Stop-Time
Frank McCabe bought on credit at my father’s liquor store,
they had gone to school together. Finally my father said,
teach my son to play drums and we’re even, for now.
Late afternoon lessons in his cellar, first the basics
rapped out on rubber pads, then rolls, drags, flams, paradiddles and ratamacues.
Moving on to a real kit and the flair of fills, underbelly routines
of the bass and flights between cymbals, crash and sizzle.
While I practiced, he scribbled on charts for his quintet --
Thursdays at the Knotty Pine and weddings on weekends.
No lessons for most of the summer after his heart attack.
Autumn rain, water seeping up through linoleum tiles,
staining the peeling baseboards. Mold and mildew,
back beat and double time. Smoker’s cough and drinker’s nose.
Soon he set up his kit next to mine, laying out the opening bars
of “From This Moment On” and I’d play inside him.
That’s how he put it, stay inside me and listen with your wrists.
When Mrs. McCabe came down to say they caught the man
who killed the president, he dropped the needle on “Opus One”
and said play. We listened to Krupa’s “Rockin’ Chair”
and Buddy Rich’s big band doing “Time Check.”

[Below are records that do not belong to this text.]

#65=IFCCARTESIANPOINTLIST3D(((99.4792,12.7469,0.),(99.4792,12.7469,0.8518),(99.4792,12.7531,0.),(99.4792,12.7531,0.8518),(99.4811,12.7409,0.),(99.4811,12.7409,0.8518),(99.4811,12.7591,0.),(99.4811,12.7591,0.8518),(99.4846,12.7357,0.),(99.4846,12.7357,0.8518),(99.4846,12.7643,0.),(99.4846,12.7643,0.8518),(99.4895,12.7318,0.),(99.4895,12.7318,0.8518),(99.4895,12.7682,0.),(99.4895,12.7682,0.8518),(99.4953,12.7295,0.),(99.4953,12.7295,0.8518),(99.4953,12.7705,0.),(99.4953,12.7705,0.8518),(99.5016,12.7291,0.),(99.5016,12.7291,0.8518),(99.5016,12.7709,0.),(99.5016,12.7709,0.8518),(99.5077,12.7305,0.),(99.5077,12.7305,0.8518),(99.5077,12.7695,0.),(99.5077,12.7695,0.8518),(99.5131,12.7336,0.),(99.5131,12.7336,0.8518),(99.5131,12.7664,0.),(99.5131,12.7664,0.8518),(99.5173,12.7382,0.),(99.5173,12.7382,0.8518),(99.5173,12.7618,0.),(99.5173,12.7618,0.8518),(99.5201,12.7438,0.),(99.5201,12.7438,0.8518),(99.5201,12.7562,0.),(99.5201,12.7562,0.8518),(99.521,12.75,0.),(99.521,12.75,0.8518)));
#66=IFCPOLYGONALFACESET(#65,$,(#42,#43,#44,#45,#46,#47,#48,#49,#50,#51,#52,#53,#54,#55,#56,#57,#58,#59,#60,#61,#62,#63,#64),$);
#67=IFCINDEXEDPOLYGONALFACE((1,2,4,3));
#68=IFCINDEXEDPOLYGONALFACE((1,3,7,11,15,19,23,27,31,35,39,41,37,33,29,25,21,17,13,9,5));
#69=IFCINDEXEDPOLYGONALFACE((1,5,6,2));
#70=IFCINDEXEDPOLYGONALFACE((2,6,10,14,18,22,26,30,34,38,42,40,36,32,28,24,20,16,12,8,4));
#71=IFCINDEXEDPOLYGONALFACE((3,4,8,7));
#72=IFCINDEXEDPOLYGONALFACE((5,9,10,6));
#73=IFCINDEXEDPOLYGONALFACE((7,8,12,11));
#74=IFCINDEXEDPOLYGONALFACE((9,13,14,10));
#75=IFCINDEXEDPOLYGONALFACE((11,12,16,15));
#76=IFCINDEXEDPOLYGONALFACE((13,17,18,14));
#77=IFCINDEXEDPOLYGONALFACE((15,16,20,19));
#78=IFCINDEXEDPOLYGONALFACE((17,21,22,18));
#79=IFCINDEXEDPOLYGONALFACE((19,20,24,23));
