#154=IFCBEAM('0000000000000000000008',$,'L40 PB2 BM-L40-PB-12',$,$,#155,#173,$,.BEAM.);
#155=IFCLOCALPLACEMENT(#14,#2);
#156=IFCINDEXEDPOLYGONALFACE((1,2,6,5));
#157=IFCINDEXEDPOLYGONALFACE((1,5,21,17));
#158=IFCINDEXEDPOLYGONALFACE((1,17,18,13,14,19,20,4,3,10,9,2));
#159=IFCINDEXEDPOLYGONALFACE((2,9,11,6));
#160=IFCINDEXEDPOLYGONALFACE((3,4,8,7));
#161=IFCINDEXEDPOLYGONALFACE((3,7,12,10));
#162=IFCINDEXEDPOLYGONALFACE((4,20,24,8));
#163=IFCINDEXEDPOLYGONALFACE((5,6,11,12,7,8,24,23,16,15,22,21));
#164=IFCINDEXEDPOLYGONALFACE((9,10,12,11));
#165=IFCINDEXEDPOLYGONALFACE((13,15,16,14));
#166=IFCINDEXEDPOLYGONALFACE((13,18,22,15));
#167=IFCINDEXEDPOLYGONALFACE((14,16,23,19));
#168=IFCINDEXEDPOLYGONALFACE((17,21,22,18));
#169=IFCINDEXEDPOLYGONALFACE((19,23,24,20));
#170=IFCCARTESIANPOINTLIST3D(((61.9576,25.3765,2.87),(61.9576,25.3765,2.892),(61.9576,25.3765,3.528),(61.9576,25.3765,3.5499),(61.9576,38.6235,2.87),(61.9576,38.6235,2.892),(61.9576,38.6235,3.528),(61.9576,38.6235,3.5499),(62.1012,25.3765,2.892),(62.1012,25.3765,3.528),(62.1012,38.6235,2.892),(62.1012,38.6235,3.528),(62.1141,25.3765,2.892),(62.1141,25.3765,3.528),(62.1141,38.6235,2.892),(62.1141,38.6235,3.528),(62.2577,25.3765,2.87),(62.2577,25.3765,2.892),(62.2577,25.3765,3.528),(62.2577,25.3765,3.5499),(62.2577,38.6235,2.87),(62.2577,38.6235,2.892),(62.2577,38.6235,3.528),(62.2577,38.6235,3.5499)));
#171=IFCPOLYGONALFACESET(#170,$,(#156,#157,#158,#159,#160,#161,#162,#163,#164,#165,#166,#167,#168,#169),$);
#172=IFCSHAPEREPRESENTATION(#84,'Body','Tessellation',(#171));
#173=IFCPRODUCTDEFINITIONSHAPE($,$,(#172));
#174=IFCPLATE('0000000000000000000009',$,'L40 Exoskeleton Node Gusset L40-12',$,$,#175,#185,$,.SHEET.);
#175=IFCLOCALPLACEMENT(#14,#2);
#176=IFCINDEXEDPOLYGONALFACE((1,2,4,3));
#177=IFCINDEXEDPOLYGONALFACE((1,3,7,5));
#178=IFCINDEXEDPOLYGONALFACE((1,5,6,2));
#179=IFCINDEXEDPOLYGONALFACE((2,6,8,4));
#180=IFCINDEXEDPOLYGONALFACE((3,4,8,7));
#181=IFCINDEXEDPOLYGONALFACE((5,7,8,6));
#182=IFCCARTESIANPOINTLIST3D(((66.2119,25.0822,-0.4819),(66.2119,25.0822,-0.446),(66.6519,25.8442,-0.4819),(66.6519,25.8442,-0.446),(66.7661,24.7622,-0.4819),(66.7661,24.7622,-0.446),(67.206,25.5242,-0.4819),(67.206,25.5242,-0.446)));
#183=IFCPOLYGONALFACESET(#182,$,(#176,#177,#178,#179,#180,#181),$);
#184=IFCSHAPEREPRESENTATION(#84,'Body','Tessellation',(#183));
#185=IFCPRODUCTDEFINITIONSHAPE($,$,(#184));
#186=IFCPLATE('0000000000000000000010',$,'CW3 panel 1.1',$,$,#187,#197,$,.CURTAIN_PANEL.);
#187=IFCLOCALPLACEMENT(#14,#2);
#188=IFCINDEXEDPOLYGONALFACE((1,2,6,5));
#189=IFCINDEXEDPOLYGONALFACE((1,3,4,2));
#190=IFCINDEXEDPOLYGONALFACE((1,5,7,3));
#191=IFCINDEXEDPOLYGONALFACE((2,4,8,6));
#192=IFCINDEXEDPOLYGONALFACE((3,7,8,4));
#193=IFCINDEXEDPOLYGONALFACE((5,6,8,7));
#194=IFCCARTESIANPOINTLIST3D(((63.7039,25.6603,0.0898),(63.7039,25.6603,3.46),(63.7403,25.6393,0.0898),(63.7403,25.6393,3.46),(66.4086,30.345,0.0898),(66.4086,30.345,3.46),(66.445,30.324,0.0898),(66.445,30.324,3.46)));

Lying on their sides, quarts of bourbon behind cans
of dried paint. You make the high-hat bark,
a sixteenth-note. You don’t keep time, you make time.
The standards, renowned yet open to reinvention,
thus eternal. But I lived inside a body, Mrs. McCabe returned
from the hospital with no breasts, a week later
she was playing piano upstairs while Frank critiqued me –
Don’t play with your whole arm, it looks cool
but it isn’t. He lit a Winston. Don’t be like a bass player,
use deodorant. Never let a wimp carry your gear.
Listen carefully to the songs you hate the most.
Verse and chorus, shuffle, bridge, fill, drag, fill, stop-time,
ghost-note. Rumble of the sagging boiler, steam knocking the pipes.
Soon you won’t have to remember, you’ll just make the sound.